On May 31, 1809, composer Franz Joseph Haydn died in Vienna at 77.
In 1819 poet Walt Whitman was born in West Hills, N.Y.
In 1889 floods killed 2,200 people in Johnstown, Pa., after a dam collapsed.
In 1910 the Union of South Africa was founded.
In 1913 the 17th Amendment to the Constitution, providing for the popular election of U.S. senators, took effect.
In 1916, during World War I, British and German fleets fought in the Battle of Jutland off Denmark.
In 1930 Clint Eastwood was born in San Francisco.
In 1961 South Africa became an independent republic outside the British Commonwealth.
In 1962 World War II Gestapo official Adolf Eichmann was hanged by Israel.
In 1970 a Peru earthquake killed 66,000 people.
In 1976 Martha Mitchell, the estranged wife of former Atty.
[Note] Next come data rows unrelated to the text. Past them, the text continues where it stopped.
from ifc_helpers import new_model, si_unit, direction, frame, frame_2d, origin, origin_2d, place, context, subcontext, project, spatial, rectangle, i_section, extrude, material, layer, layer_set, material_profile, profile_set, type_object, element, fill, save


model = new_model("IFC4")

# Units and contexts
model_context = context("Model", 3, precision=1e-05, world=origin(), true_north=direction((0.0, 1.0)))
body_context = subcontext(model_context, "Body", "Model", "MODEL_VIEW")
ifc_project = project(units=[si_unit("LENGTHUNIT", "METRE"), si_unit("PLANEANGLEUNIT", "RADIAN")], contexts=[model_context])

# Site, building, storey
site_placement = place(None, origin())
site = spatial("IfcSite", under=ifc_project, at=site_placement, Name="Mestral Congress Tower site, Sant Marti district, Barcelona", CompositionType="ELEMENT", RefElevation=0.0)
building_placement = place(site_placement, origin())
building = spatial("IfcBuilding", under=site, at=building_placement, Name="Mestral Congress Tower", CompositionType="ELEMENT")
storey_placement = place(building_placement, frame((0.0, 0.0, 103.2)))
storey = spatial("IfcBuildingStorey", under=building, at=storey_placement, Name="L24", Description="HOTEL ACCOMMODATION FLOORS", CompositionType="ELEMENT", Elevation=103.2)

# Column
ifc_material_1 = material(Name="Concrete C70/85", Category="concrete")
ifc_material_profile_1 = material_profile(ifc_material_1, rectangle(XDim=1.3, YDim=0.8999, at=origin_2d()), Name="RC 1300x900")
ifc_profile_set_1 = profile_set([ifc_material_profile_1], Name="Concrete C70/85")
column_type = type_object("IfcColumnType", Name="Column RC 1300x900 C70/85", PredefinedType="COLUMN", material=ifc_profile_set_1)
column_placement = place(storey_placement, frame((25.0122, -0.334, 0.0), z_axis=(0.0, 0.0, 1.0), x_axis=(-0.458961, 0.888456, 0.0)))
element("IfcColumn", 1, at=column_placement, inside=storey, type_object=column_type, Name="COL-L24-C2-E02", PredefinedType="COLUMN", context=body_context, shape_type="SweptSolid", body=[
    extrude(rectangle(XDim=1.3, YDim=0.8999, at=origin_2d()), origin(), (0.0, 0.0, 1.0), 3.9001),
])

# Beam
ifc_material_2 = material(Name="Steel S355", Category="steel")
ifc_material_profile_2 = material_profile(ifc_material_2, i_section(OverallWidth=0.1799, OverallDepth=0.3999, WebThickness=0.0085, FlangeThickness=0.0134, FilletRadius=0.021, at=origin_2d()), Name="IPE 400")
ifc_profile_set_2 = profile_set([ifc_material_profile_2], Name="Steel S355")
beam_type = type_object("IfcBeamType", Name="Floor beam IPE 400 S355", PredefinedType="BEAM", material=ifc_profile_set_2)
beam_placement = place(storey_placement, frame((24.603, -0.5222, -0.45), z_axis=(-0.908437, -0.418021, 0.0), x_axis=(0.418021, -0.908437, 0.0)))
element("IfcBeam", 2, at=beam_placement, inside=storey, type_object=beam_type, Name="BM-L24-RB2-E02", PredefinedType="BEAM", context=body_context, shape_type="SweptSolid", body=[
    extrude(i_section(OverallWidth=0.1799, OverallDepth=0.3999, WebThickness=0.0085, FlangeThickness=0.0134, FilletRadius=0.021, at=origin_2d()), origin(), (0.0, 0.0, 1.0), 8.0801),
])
Gen. John Mitchell, died in New York at 57.
In 1977 the trans-Alaska oil pipeline was completed.
In 1983 boxing’s Jack Dempsey died in New York at 87.
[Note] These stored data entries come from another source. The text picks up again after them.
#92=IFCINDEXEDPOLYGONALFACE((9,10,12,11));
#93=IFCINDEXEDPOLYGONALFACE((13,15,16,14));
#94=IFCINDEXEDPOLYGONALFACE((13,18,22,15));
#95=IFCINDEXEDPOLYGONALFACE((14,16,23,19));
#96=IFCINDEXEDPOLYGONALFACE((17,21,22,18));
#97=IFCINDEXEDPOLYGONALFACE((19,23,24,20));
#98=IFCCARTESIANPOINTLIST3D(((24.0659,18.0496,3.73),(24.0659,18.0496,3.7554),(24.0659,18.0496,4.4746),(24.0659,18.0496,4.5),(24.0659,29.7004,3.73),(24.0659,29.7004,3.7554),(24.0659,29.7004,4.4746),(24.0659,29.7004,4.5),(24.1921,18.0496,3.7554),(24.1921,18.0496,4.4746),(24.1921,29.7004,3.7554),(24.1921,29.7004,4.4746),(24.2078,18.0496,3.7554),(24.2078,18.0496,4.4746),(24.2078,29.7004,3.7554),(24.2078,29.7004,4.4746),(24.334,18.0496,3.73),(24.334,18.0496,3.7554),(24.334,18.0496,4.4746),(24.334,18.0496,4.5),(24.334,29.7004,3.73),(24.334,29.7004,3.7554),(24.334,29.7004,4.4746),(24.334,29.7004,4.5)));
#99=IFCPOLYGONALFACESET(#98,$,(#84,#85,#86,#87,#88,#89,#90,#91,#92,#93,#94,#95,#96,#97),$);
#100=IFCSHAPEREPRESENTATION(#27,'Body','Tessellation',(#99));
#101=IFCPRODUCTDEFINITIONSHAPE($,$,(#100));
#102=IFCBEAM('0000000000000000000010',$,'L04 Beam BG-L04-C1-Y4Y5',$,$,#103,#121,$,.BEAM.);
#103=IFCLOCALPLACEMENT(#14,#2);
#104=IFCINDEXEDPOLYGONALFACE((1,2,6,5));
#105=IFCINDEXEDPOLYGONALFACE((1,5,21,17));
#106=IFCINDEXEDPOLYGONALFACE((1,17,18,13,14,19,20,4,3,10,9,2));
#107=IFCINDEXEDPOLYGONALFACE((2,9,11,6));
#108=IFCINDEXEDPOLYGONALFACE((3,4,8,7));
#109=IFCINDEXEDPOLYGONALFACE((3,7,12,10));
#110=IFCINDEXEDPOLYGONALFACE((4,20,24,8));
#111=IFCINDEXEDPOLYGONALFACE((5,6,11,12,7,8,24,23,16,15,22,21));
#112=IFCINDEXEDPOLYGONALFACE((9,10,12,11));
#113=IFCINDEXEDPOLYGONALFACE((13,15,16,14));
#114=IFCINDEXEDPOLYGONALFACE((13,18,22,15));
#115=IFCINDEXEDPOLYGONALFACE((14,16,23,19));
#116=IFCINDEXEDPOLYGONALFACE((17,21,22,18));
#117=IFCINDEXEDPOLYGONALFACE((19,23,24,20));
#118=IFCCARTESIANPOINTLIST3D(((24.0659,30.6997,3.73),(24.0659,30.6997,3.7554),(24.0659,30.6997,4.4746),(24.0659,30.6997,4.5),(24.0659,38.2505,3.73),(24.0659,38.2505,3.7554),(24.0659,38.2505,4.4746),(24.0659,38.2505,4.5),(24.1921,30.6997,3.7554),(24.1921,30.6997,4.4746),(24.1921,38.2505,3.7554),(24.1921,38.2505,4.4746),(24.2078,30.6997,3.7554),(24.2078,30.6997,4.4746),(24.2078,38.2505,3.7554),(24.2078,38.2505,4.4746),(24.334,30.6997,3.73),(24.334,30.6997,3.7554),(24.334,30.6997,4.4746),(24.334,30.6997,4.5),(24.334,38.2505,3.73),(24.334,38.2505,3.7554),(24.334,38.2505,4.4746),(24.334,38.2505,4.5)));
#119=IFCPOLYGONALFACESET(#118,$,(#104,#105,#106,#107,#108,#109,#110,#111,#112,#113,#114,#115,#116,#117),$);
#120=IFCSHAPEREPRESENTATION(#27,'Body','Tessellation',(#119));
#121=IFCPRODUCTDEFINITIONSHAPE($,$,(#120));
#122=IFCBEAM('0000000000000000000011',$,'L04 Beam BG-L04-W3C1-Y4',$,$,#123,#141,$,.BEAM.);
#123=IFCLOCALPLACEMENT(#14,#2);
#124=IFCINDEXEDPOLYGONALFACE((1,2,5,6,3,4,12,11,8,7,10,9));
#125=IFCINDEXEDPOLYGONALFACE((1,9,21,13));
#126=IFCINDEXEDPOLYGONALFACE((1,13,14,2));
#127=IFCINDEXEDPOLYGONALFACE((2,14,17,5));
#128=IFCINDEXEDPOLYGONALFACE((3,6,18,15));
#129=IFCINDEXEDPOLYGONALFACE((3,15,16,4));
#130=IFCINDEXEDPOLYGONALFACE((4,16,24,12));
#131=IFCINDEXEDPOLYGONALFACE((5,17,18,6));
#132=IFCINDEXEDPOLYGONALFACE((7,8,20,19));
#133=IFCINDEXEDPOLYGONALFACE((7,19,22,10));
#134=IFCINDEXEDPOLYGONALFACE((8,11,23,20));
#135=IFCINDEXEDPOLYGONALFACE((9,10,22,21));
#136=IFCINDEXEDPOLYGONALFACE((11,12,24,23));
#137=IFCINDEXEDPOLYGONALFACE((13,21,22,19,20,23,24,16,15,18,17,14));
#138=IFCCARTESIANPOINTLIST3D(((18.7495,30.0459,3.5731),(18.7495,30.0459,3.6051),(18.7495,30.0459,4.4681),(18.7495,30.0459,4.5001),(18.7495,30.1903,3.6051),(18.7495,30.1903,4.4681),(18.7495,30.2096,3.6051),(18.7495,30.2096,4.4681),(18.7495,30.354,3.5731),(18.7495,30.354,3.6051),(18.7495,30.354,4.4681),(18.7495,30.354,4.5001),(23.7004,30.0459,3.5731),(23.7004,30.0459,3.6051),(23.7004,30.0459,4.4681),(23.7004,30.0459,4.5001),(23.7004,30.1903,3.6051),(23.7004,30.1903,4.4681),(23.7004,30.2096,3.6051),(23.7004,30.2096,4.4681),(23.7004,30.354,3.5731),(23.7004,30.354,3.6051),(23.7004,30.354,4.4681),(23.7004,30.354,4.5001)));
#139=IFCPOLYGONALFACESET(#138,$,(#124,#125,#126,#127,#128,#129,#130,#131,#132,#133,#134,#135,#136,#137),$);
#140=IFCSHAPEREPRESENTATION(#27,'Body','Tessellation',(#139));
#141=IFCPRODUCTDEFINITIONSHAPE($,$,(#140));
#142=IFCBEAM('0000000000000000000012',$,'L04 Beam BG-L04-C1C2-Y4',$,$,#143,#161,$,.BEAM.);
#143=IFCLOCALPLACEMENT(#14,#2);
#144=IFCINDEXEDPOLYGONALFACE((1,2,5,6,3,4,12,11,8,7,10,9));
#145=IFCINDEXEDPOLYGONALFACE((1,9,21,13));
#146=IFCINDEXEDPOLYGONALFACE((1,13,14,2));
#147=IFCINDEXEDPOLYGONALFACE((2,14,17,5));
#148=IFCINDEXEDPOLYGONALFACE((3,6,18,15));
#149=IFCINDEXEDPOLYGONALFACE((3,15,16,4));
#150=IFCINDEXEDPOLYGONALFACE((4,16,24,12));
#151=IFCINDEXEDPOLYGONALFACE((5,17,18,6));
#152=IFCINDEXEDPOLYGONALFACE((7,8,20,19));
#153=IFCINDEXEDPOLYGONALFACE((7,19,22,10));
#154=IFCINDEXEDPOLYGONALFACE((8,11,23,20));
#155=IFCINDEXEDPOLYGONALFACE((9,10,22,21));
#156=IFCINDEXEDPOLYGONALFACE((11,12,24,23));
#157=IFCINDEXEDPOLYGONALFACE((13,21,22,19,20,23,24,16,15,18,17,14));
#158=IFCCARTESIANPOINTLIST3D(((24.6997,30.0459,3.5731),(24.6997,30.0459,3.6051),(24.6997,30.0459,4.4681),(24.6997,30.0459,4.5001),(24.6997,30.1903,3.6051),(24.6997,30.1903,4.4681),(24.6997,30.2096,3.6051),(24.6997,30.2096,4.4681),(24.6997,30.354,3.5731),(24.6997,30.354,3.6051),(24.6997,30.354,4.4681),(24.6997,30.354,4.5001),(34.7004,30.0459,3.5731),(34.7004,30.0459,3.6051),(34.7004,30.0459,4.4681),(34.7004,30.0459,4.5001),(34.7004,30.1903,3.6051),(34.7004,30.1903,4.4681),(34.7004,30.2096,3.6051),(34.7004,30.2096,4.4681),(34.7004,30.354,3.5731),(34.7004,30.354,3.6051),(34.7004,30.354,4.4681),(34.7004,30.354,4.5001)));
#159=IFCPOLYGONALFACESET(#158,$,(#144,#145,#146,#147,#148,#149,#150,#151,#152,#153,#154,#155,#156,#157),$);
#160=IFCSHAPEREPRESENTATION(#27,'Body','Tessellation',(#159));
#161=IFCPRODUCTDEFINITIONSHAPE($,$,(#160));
In 1991 leaders of Angola’s two warring factions ended a 16-year civil war.
In 1994 Rep. Dan Rostenkowski (D-Ill.) was indicted on 17 felony counts alleging he had stolen nearly $700,000 from the government.
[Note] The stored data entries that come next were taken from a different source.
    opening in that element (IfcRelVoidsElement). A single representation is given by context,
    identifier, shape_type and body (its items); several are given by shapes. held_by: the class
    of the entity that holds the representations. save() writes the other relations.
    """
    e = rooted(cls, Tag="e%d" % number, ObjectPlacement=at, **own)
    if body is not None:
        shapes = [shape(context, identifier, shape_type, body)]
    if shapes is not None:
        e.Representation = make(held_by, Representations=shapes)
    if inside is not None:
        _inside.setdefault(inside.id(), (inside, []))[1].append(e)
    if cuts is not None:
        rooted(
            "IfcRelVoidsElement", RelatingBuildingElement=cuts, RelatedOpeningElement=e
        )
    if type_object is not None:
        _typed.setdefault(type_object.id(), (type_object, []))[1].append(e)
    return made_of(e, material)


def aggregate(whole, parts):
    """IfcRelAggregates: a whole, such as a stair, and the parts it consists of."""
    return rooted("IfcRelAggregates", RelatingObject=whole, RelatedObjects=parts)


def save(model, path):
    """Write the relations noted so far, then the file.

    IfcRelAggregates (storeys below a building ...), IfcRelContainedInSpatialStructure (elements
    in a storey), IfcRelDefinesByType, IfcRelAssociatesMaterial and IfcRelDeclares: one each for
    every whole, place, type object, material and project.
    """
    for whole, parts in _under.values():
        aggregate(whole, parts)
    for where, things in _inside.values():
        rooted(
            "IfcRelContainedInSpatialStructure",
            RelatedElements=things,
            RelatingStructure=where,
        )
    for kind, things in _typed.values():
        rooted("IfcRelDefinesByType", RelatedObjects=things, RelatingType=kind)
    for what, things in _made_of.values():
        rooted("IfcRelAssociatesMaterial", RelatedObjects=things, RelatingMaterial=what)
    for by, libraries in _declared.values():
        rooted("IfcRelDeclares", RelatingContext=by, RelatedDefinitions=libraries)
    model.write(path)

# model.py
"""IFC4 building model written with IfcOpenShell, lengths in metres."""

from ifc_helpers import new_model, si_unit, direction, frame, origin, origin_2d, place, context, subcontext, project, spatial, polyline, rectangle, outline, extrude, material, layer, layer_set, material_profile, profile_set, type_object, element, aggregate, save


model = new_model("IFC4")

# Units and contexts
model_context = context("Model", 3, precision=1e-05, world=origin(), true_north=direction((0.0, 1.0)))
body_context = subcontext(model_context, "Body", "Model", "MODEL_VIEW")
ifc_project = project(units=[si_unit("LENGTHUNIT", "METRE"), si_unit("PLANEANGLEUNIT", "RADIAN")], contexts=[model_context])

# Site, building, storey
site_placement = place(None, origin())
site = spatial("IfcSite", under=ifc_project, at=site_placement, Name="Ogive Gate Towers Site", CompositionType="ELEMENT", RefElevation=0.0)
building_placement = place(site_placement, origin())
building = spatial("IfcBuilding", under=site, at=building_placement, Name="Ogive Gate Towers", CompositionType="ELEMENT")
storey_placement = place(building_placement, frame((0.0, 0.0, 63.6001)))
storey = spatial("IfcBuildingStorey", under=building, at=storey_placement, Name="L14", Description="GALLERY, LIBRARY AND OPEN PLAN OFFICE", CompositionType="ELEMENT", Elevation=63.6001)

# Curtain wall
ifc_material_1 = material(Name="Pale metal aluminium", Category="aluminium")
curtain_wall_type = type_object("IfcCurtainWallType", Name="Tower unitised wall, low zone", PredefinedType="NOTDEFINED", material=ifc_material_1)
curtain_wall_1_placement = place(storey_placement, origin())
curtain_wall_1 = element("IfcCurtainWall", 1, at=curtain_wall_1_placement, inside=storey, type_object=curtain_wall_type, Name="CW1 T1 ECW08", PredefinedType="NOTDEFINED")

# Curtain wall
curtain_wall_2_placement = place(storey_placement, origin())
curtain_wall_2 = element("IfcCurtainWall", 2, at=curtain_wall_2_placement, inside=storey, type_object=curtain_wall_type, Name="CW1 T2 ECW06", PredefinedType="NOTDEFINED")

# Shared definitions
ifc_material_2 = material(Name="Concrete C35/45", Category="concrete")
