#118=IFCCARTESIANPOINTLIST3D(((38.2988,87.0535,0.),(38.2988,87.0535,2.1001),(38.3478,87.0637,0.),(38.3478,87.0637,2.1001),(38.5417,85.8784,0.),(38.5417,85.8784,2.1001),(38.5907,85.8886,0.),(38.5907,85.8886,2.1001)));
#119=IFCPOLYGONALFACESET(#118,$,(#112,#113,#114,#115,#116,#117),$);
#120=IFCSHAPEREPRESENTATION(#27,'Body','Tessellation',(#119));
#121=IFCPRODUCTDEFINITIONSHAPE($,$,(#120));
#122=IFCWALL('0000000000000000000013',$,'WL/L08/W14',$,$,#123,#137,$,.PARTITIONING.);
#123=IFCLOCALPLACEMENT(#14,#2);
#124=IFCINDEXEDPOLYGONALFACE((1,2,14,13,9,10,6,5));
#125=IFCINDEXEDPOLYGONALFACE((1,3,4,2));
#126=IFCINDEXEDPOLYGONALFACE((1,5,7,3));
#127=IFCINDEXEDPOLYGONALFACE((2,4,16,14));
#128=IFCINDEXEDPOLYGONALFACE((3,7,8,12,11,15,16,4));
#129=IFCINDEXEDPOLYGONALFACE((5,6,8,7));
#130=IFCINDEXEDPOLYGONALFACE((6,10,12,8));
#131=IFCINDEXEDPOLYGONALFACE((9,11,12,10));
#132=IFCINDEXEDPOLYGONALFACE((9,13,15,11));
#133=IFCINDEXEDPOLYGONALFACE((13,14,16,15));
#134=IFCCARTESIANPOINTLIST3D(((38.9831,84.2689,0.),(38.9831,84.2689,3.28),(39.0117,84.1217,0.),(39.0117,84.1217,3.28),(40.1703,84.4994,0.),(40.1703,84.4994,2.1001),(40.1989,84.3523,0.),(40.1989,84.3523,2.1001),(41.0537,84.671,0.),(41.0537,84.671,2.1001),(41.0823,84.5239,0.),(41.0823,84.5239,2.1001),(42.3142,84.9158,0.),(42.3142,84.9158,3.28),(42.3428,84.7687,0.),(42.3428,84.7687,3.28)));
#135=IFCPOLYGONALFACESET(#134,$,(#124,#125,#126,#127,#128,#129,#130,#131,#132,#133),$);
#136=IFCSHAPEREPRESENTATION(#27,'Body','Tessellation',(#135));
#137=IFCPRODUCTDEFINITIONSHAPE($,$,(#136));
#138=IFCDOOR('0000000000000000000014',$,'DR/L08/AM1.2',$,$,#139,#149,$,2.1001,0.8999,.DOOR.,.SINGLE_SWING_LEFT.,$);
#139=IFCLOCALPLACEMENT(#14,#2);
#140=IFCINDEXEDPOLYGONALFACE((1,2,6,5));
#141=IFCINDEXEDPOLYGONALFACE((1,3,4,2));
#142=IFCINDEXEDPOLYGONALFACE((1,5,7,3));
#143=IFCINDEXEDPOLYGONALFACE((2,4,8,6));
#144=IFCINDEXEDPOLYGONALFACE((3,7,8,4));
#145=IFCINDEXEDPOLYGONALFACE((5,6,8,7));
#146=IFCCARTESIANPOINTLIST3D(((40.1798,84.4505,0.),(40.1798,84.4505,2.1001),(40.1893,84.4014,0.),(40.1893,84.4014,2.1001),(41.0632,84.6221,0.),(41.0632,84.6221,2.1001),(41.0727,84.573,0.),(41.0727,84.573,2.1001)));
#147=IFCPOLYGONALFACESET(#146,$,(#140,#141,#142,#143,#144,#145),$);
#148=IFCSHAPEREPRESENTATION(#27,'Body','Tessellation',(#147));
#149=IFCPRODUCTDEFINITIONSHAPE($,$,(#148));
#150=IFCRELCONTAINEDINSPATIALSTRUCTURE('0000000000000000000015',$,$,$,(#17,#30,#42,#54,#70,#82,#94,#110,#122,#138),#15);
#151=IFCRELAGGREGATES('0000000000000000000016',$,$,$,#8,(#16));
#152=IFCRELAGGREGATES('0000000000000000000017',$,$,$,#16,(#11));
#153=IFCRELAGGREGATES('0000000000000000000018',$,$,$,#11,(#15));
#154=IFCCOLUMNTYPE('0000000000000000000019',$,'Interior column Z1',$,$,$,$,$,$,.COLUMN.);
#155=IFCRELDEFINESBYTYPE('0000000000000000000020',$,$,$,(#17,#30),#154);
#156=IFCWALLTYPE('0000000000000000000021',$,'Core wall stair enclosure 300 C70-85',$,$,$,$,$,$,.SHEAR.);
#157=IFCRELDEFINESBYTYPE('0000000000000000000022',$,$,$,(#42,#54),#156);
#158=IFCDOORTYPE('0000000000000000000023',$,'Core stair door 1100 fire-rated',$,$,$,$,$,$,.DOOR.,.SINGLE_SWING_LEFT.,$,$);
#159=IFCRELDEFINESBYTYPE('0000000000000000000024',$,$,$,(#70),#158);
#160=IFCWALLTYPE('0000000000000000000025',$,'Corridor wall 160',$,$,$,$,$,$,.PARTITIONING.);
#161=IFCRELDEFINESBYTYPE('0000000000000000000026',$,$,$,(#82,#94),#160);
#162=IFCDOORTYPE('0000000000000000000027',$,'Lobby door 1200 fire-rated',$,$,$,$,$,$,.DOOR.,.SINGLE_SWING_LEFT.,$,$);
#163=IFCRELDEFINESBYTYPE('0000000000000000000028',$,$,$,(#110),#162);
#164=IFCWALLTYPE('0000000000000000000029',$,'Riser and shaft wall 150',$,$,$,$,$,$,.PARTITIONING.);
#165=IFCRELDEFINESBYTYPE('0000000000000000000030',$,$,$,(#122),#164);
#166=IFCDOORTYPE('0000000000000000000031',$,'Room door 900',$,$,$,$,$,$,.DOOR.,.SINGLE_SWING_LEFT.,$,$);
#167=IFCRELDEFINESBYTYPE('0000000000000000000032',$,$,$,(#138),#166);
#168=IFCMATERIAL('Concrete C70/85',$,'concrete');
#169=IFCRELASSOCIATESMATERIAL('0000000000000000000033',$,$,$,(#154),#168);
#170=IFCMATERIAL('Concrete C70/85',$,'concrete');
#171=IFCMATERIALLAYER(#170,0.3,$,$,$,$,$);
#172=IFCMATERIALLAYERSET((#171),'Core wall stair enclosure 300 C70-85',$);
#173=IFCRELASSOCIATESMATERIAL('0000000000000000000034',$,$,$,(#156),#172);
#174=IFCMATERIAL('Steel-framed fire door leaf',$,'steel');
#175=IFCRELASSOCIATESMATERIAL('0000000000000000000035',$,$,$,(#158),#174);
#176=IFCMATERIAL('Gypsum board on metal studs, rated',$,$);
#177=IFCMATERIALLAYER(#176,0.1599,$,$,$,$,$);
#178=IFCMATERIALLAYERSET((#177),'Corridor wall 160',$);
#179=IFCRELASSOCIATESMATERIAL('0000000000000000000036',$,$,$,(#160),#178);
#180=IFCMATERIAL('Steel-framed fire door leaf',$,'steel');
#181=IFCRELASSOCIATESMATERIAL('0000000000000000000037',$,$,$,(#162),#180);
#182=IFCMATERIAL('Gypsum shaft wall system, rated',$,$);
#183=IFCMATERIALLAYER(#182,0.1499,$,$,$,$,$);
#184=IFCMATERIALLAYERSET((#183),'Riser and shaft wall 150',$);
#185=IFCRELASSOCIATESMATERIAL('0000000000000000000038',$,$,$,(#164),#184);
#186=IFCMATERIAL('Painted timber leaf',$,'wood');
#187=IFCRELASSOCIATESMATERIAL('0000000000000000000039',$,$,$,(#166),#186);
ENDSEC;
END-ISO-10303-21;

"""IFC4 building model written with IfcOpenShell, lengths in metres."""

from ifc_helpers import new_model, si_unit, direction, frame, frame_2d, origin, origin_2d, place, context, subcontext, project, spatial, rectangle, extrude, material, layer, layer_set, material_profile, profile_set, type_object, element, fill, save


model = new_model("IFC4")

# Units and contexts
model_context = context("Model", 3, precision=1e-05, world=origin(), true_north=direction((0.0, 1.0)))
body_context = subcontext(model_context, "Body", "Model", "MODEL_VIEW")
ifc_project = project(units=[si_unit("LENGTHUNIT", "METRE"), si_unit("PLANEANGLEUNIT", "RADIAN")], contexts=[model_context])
In 2000 band leader Tito Puente died in New York at 77.
In 2001 FBI agent Robert Hanssen pleaded not guilty to charges of spying for Moscow. (He later pleaded guilty and was sentenced to life in prison.)
In 2003 Olympic Centennial Park bomber Eric Robert Rudolph was arrested in Murphy, N.C. Also, Air France’s Concorde returned to Paris in a final commercial flight.
In 2005, breaking a silence of 30 years, former FBI official W. Mark Felt stepped forward as ”Deep Throat,” the secret Washington Post source who helped topple President Richard Nixon during the Watergate scandal. Also, oil tycoon Mikhail Khodorkovsky, once Russia’s richest man, was convicted of fraud and tax evasion and sentenced to 9 years in prison.